Antes de executar os desligamentos, a empresa deve organizar todas as etapas do procedimento.
Entre os principais cuidados estão:
- definir e documentar os critérios de seleção;
- identificar trabalhadores com estabilidade;
- verificar gestantes, cipeiros e empregados acidentados;
- calcular corretamente as verbas rescisórias;
- analisar as regras da convenção coletiva;
- preparar os documentos das rescisões;
- planejar a comunicação interna;
- notificar o sindicato;
- registrar todas as reuniões e propostas.
Além disso, a empresa deve revisar cada caso individualmente. Mesmo em uma dispensa coletiva, cada trabalhador pode possuir direitos e situações específicas.
Erros que podem transformar a demissão coletiva em litígio
Um dos erros mais graves ocorre quando a empresa inclui trabalhadores com estabilidade sem uma análise prévia.
Por exemplo, uma construtora pode incluir uma empregada gestante na lista de desligamentos.
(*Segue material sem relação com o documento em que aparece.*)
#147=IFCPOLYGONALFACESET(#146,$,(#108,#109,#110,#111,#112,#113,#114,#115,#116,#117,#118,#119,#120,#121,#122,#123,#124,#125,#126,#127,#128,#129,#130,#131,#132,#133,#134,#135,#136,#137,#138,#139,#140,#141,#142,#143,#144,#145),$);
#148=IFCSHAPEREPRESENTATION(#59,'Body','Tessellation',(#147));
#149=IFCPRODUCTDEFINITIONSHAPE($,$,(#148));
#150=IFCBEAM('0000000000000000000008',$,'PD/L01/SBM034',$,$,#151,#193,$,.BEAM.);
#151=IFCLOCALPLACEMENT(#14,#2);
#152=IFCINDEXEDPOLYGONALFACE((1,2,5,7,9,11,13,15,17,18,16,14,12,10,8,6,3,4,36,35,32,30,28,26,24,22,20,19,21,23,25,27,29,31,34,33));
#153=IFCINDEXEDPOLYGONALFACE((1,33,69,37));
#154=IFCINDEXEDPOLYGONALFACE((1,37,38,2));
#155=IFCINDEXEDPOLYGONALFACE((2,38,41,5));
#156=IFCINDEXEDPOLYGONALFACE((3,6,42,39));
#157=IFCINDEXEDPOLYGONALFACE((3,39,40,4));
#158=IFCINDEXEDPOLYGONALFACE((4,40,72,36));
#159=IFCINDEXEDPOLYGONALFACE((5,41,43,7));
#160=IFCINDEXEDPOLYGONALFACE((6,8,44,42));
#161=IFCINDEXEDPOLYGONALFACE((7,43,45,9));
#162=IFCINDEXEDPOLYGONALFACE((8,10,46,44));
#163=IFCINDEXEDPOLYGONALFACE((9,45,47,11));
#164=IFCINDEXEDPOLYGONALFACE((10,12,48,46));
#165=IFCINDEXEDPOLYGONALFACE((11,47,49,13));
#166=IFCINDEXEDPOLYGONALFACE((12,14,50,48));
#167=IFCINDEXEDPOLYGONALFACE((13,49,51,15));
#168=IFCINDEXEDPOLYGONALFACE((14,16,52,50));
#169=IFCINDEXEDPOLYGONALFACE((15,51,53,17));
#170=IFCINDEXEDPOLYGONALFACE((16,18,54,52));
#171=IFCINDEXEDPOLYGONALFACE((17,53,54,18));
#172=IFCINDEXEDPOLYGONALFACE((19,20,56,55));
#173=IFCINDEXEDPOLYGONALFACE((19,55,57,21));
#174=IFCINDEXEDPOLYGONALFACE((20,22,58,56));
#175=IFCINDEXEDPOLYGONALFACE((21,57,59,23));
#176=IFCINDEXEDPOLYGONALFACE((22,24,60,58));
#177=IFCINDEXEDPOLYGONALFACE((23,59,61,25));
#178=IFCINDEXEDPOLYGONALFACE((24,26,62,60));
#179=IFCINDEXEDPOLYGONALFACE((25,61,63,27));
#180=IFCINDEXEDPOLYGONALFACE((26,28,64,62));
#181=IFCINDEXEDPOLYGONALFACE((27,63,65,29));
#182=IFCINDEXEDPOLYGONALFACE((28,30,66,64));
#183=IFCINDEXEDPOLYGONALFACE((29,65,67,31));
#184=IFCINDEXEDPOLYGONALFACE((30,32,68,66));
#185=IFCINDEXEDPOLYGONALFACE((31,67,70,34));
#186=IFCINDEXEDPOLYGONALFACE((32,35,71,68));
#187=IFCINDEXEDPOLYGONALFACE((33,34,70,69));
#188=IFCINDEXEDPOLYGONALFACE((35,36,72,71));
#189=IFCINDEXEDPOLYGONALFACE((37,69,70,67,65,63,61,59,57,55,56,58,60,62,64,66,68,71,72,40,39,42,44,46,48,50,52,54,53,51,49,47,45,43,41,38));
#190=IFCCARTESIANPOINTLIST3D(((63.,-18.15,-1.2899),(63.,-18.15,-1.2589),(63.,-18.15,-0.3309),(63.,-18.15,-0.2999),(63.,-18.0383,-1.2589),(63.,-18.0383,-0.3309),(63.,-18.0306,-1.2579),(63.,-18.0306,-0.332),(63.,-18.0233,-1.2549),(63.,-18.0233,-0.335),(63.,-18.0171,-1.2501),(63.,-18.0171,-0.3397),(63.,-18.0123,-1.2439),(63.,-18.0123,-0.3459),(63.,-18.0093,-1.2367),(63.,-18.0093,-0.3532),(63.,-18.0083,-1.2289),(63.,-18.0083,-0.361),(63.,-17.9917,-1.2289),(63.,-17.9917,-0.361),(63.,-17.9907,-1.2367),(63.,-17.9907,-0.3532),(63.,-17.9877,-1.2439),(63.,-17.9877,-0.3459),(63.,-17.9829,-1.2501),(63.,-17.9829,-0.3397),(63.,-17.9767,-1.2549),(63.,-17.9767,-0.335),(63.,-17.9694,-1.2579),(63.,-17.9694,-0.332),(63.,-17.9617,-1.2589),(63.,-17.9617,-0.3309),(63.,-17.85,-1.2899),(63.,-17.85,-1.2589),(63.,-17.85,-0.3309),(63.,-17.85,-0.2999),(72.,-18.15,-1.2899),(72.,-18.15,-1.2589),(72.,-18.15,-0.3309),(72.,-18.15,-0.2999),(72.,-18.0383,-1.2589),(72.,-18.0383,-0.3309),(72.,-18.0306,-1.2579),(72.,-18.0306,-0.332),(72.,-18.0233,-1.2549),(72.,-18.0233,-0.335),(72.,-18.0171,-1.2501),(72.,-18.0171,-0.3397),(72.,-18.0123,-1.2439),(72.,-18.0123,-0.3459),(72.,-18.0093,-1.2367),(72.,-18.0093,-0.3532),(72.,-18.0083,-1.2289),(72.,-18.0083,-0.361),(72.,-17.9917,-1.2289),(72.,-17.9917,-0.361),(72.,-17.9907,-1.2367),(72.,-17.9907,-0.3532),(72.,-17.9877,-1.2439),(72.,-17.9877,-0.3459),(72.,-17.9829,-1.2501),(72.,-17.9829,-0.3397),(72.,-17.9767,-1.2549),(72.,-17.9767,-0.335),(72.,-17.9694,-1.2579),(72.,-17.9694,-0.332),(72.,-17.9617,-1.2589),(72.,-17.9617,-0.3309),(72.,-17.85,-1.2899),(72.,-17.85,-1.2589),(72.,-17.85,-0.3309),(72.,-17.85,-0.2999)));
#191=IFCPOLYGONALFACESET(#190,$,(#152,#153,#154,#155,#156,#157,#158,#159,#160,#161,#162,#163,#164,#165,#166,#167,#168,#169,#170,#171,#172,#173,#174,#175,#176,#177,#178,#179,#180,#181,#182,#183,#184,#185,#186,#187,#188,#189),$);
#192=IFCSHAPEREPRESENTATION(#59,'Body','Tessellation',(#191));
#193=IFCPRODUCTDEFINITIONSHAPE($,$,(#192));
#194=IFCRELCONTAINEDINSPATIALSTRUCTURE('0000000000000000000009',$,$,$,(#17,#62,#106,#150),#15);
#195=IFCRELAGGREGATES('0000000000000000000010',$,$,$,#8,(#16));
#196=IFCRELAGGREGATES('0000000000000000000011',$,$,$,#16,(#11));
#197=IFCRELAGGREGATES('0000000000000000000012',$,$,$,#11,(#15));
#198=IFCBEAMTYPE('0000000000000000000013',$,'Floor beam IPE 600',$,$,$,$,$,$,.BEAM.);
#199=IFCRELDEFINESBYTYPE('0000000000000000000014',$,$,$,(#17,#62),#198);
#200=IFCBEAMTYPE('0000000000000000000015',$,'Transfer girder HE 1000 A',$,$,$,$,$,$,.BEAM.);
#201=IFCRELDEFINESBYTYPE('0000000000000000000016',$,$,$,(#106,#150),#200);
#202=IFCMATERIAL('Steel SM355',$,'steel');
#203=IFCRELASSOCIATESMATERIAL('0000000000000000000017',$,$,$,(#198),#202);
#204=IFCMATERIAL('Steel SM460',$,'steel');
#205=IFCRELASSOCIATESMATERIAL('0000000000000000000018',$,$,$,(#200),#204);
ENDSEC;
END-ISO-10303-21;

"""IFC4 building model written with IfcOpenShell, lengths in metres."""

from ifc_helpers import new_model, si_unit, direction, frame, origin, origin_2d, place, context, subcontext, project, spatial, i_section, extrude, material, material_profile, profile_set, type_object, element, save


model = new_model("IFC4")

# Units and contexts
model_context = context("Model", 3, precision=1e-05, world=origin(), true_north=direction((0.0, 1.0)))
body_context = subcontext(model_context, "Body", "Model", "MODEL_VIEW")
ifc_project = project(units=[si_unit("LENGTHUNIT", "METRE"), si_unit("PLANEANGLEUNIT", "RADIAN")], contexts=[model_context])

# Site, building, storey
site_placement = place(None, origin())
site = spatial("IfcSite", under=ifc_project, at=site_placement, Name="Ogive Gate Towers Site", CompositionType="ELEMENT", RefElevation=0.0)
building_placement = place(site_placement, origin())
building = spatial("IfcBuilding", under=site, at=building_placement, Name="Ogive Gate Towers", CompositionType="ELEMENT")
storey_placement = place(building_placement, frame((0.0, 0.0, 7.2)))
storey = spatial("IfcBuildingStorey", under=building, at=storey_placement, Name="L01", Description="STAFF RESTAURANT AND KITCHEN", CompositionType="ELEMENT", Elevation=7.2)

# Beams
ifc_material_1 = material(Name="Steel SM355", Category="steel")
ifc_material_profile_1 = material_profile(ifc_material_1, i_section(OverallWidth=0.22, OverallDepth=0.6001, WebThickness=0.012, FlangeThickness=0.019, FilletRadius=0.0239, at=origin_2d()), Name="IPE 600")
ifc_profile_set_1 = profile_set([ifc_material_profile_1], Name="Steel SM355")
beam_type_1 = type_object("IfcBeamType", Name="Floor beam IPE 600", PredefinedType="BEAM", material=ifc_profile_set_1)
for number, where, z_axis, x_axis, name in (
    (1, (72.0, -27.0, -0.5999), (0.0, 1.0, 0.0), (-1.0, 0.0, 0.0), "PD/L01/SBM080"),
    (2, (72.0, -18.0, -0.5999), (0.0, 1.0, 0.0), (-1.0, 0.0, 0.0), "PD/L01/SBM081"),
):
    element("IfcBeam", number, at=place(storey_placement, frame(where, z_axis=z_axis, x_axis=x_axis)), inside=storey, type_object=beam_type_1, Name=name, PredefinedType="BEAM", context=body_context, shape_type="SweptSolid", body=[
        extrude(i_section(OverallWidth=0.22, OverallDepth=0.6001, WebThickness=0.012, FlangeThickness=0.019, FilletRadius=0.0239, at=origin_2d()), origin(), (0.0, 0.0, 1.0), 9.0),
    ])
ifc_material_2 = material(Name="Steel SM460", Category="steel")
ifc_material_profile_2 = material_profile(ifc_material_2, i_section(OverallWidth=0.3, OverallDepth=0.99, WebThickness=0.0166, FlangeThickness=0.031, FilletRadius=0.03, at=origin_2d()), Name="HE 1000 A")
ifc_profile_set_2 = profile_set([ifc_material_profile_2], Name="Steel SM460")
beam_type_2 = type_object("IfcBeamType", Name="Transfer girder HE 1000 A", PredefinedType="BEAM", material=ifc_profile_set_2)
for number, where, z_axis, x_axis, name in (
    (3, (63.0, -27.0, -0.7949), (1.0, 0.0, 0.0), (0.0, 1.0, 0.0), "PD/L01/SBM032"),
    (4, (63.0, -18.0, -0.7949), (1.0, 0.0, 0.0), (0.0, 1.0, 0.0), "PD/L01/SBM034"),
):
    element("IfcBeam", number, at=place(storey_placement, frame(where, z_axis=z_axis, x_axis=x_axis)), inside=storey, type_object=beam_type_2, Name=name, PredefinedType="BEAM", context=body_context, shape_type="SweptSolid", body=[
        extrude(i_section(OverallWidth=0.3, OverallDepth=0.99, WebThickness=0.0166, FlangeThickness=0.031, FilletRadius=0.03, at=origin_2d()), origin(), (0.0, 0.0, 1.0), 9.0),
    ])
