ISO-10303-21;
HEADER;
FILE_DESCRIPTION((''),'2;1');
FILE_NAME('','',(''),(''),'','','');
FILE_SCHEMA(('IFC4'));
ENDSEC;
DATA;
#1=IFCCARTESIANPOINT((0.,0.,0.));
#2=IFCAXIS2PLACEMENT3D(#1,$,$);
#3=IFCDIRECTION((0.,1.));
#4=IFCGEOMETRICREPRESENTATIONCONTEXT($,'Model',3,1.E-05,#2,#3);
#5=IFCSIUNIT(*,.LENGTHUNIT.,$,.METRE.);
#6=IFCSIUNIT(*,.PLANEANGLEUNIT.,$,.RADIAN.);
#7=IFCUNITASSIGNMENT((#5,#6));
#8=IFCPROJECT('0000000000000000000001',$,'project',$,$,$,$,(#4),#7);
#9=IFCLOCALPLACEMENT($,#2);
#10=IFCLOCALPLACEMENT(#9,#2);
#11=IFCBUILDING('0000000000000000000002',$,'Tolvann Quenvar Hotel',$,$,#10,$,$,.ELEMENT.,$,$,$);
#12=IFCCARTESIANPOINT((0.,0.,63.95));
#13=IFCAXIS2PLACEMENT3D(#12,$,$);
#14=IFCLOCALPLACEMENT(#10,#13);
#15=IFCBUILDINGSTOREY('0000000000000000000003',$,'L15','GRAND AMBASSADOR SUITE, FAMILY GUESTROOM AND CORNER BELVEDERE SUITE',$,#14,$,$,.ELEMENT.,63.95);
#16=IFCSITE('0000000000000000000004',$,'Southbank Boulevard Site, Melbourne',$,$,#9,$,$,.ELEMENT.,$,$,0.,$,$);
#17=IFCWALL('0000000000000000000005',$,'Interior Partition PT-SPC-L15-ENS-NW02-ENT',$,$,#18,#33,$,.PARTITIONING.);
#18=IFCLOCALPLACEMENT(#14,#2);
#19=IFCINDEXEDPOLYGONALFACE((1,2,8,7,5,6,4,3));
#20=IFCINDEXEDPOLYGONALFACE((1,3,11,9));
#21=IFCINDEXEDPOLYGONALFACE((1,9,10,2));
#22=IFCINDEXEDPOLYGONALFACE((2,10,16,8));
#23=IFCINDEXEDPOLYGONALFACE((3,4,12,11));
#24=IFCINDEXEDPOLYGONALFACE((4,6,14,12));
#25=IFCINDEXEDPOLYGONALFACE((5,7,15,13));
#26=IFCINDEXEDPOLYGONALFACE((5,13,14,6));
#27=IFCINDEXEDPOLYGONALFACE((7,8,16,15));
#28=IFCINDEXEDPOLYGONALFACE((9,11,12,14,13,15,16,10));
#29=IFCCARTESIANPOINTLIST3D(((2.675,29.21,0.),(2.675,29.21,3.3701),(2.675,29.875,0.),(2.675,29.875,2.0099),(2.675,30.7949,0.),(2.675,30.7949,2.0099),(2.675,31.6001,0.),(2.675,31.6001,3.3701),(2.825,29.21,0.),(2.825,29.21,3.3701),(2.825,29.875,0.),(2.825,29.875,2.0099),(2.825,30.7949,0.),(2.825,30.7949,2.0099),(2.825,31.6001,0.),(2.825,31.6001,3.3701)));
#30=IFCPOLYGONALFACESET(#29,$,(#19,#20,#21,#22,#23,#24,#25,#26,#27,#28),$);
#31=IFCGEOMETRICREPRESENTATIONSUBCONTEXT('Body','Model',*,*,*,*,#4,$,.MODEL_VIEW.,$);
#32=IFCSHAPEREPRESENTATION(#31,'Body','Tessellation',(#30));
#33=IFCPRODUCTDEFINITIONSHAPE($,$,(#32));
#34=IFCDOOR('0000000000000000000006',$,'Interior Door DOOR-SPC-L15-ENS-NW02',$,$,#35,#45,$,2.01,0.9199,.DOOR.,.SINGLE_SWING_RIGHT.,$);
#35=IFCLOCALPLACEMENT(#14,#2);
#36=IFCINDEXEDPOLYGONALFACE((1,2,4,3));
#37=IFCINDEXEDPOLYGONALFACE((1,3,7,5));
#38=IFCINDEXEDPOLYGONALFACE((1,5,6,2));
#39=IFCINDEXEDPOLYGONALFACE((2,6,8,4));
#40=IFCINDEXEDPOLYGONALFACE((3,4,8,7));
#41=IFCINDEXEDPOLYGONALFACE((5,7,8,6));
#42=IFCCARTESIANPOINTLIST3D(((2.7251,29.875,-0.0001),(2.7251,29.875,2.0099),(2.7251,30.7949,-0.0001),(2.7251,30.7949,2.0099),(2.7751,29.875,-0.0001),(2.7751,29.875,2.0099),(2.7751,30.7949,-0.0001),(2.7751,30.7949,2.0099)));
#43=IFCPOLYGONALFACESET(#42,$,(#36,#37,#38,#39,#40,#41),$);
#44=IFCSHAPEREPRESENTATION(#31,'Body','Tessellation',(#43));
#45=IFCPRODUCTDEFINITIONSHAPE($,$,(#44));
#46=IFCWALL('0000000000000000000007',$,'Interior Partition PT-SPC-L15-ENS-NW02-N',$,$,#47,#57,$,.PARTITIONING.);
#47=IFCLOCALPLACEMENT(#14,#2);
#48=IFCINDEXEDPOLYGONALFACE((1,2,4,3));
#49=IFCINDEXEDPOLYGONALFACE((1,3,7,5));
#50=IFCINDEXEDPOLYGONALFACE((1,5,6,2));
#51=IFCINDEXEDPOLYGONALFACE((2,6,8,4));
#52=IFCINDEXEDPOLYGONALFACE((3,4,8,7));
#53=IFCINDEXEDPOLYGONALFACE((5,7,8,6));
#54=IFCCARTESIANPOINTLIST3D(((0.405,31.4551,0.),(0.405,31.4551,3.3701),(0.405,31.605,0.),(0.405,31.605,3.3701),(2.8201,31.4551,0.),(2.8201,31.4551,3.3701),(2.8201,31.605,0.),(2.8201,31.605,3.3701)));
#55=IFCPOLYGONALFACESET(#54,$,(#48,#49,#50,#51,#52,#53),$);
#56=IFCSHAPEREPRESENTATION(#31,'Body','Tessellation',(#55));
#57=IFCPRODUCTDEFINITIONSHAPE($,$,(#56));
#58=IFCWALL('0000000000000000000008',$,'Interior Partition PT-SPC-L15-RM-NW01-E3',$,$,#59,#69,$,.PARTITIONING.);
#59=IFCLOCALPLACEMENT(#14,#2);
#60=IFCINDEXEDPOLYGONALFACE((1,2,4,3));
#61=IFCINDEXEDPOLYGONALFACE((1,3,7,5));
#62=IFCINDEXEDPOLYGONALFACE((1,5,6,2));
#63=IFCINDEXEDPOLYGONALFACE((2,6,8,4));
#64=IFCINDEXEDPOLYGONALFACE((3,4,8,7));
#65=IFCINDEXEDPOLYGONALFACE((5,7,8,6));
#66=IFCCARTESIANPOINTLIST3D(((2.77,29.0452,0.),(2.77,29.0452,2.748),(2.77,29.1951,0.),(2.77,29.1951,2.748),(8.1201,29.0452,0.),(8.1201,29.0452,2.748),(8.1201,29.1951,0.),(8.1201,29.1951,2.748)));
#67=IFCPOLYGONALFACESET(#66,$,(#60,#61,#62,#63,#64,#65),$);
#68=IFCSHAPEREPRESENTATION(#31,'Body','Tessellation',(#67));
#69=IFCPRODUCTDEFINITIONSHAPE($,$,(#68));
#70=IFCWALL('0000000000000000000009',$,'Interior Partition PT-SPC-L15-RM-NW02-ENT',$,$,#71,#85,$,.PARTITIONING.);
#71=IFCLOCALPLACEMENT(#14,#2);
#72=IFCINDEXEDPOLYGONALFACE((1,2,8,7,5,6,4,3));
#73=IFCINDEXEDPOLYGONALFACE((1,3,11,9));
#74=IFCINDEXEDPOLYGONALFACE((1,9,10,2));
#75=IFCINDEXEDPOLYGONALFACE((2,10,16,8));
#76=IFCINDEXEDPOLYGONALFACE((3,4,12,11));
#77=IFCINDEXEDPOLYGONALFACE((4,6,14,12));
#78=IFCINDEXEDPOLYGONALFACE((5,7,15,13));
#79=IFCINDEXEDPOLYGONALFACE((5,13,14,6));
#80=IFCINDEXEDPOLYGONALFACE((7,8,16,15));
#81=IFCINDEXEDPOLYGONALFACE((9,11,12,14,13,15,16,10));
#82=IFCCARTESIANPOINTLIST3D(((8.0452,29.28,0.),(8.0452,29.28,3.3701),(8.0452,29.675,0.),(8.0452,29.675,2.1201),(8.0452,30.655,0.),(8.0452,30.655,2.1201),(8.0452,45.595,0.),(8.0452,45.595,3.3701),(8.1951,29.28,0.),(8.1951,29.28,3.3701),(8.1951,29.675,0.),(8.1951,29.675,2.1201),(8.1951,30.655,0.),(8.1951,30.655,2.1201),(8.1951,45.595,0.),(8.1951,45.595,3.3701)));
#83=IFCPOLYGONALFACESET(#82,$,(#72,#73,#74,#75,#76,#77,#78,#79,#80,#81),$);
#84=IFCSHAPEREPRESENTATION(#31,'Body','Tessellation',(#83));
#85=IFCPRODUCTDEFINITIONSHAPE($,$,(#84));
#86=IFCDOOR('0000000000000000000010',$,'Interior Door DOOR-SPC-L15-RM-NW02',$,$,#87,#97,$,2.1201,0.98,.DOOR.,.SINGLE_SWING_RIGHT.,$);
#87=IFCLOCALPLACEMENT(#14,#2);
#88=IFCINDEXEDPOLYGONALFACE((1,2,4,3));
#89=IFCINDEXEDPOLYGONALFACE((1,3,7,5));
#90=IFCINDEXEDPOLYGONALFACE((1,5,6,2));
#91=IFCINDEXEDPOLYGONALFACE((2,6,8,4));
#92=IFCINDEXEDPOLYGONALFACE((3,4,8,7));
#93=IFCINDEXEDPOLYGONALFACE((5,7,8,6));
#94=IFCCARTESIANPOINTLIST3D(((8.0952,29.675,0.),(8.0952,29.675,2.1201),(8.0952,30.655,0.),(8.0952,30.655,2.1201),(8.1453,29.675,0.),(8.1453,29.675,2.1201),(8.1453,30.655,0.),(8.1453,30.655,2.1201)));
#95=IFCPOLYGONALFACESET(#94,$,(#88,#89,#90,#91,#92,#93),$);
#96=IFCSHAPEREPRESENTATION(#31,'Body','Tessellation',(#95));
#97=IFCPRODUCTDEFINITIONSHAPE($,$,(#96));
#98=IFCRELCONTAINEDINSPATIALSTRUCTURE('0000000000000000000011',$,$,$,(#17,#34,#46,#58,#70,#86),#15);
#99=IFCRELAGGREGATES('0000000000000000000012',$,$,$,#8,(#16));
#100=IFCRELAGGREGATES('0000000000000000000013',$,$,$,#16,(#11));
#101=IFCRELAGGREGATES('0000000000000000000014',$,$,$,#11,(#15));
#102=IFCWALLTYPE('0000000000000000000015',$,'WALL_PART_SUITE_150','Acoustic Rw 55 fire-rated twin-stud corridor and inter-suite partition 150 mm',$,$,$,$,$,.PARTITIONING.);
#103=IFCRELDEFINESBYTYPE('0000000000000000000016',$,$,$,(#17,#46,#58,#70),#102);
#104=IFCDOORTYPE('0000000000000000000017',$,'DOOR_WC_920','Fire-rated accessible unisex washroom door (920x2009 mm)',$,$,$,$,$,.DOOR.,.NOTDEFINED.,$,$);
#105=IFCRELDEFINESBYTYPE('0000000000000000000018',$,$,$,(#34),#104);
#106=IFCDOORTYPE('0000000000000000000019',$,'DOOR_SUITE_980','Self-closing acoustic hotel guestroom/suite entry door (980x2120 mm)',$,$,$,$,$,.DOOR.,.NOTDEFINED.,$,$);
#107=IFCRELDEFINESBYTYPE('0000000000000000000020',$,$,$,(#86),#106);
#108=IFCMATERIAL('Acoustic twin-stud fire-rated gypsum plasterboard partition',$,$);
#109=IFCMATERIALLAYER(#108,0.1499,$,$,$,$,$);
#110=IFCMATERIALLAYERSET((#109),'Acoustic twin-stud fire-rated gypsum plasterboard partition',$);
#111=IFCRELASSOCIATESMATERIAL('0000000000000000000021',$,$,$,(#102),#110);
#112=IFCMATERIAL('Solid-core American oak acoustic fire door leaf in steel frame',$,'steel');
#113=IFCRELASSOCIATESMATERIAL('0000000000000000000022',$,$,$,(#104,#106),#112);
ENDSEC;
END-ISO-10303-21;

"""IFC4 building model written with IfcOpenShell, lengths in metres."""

from ifc_helpers import new_model, si_unit, direction, frame, frame_2d, origin, place, context, subcontext, project, spatial, rectangle, extrude, source, transform, mapped, material, layer, layer_set, type_object, type_shapes, element, fill, save


model = new_model("IFC4")

# Units and contexts
model_context = context("Model", 3, precision=1e-05, world=origin(), true_north=direction((0.0, 1.0)))
body_context = subcontext(model_context, "Body", "Model", "MODEL_VIEW")
ifc_project = project(units=[si_unit("LENGTHUNIT", "METRE"), si_unit("PLANEANGLEUNIT", "RADIAN")], contexts=[model_context])

# Site, building, storey
site_placement = place(None, origin())
site = spatial("IfcSite", under=ifc_project, at=site_placement, Name="Southbank Boulevard Site, Melbourne", CompositionType="ELEMENT", RefElevation=0.0)
building_placement = place(site_placement, origin())
building = spatial("IfcBuilding", under=site, at=building_placement, Name="Tolvann Quenvar Hotel", CompositionType="ELEMENT")
storey_placement = place(building_placement, frame((0.0, 0.0, 63.95)))
storey = spatial("IfcBuildingStorey", under=building, at=storey_placement, Name="L15", Description="GRAND AMBASSADOR SUITE, FAMILY GUESTROOM AND CORNER BELVEDERE SUITE", CompositionType="ELEMENT", Elevation=63.95)

# Shared definitions
ifc_material_1 = material(Name="Solid-core American oak acoustic fire door leaf in steel frame", Category="steel")

# Shared definitions
ifc_material_2 = material(Name="Acoustic twin-stud fire-rated gypsum plasterboard partition")

# Wall, opening, door
ifc_layer_1 = layer(ifc_material_2, 0.1499)
ifc_layer_set_1 = layer_set([ifc_layer_1], Name="Acoustic twin-stud fire-rated gypsum plasterboard partition")
wall_type_1 = type_object("IfcWallType", Name="WALL_PART_SUITE_150", Description="Acoustic Rw 55 fire-rated twin-stud corridor and inter-suite partition 150 mm", PredefinedType="PARTITIONING", material=ifc_layer_set_1)
wall_1_placement = place(storey_placement, frame((2.75, 29.21, 0.0), z_axis=(0.0, 0.0, 1.0), x_axis=(0.0, 1.0, 0.0)))
wall_1 = element("IfcWall", 1, at=wall_1_placement, inside=storey, type_object=wall_type_1, Name="Interior Partition PT-SPC-L15-ENS-NW02-ENT", PredefinedType="PARTITIONING", context=body_context, shape_type="SweptSolid", body=[
    extrude(rectangle(XDim=2.3901, YDim=0.1499, at=frame_2d((1.1951, 0.0))), origin(), (0.0, 0.0, 1.0), 3.3701),
])
opening_1_placement = place(wall_1_placement, frame((0.665, 0.0, 0.0)))
opening_1 = element("IfcOpeningElement", 2, at=opening_1_placement, cuts=wall_1, PredefinedType="OPENING", context=body_context, shape_type="SweptSolid", body=[
    extrude(rectangle(XDim=0.9199, YDim=2.01, at=frame_2d((0.46, 1.0049))), frame((0.0, 0.085, 0.0), z_axis=(0.0, -1.0, 0.0), x_axis=(1.0, 0.0, 0.0)), (0.0, 0.0, 1.0), 0.1699),
])
door_type_1 = type_object("IfcDoorType", Name="DOOR_WC_920", Description="Fire-rated accessible unisex washroom door (920x2009 mm)", OperationType="NOTDEFINED", PredefinedType="DOOR", material=ifc_material_1)
shared_shape_1 = source(origin(), body_context, "Body", "SweptSolid", [
    extrude(rectangle(XDim=0.9199, YDim=2.01, at=frame_2d((0.46, 1.0049))), frame((0.0, 0.0249, 0.0), z_axis=(0.0, -1.0, 0.0), x_axis=(1.0, 0.0, 0.0)), (0.0, 0.0, 1.0), 0.05),
])
type_shapes(door_type_1, [shared_shape_1])
door_1_placement = place(opening_1_placement, origin())
door_1 = element("IfcDoor", 3, at=door_1_placement, inside=storey, type_object=door_type_1, Name="Interior Door DOOR-SPC-L15-ENS-NW02", OperationType="SINGLE_SWING_RIGHT", OverallHeight=2.01, OverallWidth=0.9199, PredefinedType="DOOR", context=body_context, shape_type="MappedRepresentation", body=[
    mapped(shared_shape_1, transform((0.0, 0.0, 0.0), x_axis=(1.0, 0.0, 0.0), y_axis=(0.0, 1.0, 0.0), z_axis=(0.0, 0.0, 1.0), scale=1.0)),
])
fill(opening_1, door_1)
Nesse caso, a Justiça poderá determinar sua reintegração. Além disso, a empresa poderá responder por danos morais e enfrentar questionamentos sobre os critérios adotados.
Outro erro comum consiste em comunicar o sindicato apenas para cumprir uma formalidade. Se a empresa já tiver definido todos os desligamentos, o diálogo poderá parecer apenas aparente.
A empresa também deve evitar critérios discriminatórios. Por exemplo, dispensar apenas trabalhadores acima de determinada idade pode gerar questionamentos e ações judiciais.
Além disso, erros nos cálculos rescisórios podem produzir várias reclamações individuais. Por isso, a empresa precisa revisar férias, aviso-prévio, FGTS, adicionais, comissões e demais verbas.
A forma de comunicação também exige cuidado. Em determinado caso no setor de telecomunicações, uma empresa comunicou dispensas coletivas por videoconferência, sem contato individual. O episódio gerou forte repercussão e pedidos de indenização.
Portanto, a empresa deve comunicar cada desligamento com respeito, clareza e cuidado.
Conclusão
A demissão coletiva pode ocorrer com segurança jurídica quando a empresa planeja todas as etapas.
Para isso, deve envolver previamente o sindicato, estabelecer critérios objetivos, verificar estabilidades e calcular corretamente as rescisões.
Além disso, a empresa precisa documentar todo o procedimento. Quanto mais transparente e organizado for o processo, menor será o risco de ações individuais e coletivas.
Por outro lado, uma condução apressada pode multiplicar o passivo pelo número de trabalhadores atingidos.